Advocates caution that the intensity of efforts to place such measures on ballots varies drastically from state to state. In some states, like South Dakota, Oklahoma and Ohio, groups have already written ballot language and are evaluating deadlines to collect signatures.
In others, however, work is much more preliminary. Advocates in states like Montana, Nebraska and North Dakota warn that they must test messaging and language, suss out the political environments that could determine success and research deadlines and other criteria before they decide whether to move ahead.
But with public polling across the country showing indisputable support for abortion rights, advocates and the ballot initiative groups they’re working with say the citizen-led process is a crucial vehicle that offers the ability to reconcile the gap between supportive voter attitudes about abortion and restrictions advanced by GOP-controlled state legislatures.
“This enables voters who feel their elected representatives are not prioritizing the issues that are important to them,” said Kelly Hall, the executive director of the Fairness Project, a nonprofit organization that helps progressive groups advance citizen-led ballot initiatives. “It means you can put something on the ballot, like enshrining abortion rights in a state, that otherwise wouldn’t be able to get passed through your state political representation.”
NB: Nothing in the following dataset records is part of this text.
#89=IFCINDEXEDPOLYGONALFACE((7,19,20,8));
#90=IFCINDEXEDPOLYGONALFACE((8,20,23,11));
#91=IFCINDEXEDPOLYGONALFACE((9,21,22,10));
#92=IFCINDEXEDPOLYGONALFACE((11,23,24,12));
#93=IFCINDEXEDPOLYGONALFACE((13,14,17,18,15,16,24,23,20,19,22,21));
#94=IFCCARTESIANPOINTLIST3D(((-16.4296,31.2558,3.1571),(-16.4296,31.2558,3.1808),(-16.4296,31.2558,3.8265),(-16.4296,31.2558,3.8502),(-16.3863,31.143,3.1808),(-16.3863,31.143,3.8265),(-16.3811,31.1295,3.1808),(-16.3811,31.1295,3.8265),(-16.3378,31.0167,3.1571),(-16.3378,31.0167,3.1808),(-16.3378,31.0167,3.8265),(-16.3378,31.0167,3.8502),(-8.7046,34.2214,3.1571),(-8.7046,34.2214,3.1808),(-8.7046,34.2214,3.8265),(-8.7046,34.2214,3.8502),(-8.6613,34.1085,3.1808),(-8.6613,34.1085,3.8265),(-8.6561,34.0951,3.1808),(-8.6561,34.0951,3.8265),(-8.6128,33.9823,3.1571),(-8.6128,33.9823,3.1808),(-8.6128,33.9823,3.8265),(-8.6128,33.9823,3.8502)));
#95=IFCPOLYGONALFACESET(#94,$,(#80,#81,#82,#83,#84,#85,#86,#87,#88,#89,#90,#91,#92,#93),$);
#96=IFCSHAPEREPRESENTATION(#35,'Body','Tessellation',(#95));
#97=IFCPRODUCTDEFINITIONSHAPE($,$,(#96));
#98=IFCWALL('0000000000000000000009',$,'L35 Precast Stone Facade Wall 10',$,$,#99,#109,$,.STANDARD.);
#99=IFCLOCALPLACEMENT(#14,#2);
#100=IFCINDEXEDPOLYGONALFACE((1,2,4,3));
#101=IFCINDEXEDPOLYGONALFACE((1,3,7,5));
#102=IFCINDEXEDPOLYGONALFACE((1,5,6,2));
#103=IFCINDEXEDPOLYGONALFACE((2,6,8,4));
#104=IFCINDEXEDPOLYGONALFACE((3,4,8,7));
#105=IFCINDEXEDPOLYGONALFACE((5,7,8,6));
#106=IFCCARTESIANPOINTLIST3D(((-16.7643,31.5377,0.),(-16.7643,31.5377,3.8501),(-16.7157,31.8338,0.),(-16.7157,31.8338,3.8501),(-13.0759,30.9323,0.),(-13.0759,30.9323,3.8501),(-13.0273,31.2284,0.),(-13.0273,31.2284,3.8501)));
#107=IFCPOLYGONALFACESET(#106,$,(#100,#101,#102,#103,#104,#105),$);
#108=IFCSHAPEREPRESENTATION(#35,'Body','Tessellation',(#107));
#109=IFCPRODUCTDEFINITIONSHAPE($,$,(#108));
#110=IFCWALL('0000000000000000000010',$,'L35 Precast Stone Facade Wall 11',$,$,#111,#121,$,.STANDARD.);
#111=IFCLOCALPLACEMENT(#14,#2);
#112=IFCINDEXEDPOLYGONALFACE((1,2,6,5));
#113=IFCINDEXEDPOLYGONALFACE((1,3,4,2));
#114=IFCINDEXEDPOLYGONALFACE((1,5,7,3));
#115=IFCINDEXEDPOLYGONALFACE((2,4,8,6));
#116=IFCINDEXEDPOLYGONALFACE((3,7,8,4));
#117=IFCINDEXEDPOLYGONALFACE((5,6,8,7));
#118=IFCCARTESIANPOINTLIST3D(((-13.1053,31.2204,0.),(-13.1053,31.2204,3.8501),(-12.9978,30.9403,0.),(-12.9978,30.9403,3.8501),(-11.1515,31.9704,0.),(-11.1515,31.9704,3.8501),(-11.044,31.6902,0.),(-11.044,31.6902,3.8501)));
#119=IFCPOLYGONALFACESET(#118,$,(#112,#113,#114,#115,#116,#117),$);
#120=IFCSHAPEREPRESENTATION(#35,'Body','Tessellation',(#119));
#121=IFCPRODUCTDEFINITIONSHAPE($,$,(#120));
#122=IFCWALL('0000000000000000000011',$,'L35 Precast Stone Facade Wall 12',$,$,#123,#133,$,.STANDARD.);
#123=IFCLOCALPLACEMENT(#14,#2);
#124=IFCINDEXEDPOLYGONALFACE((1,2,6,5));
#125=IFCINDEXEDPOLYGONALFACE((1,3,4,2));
States with bans emerge as priorities
Unlike the process to enact legislation, the citizen-led ballot initiative process relies almost entirely on the will of voters and their ability to gather specific numbers of signatures in support of proposed constitutional amendments (often, the required number is a percentage of the total votes in a state’s latest race for governor). Supporters call it a shining example of “direct democracy” that more accurately reflects voters’ attitudes on certain issues.
“There’s a lot of promise in appealing directly to voters,” said J.J. Straight, the deputy director of the American Civil Liberties Union’s Liberty Division, which, along with other units at the nonpartisan civil rights group, is working with local organizations to research such ballot measures. “What we saw [this year] demonstrates that the public is often in a different space than their lawmakers.”
In Ohio, for example, a group of 1,400 doctors called Ohio Physicians for Reproductive Rights launched an effort last week — Protect Choice Ohio — to place a citizen-initiated constitutional amendment on the ballot next November.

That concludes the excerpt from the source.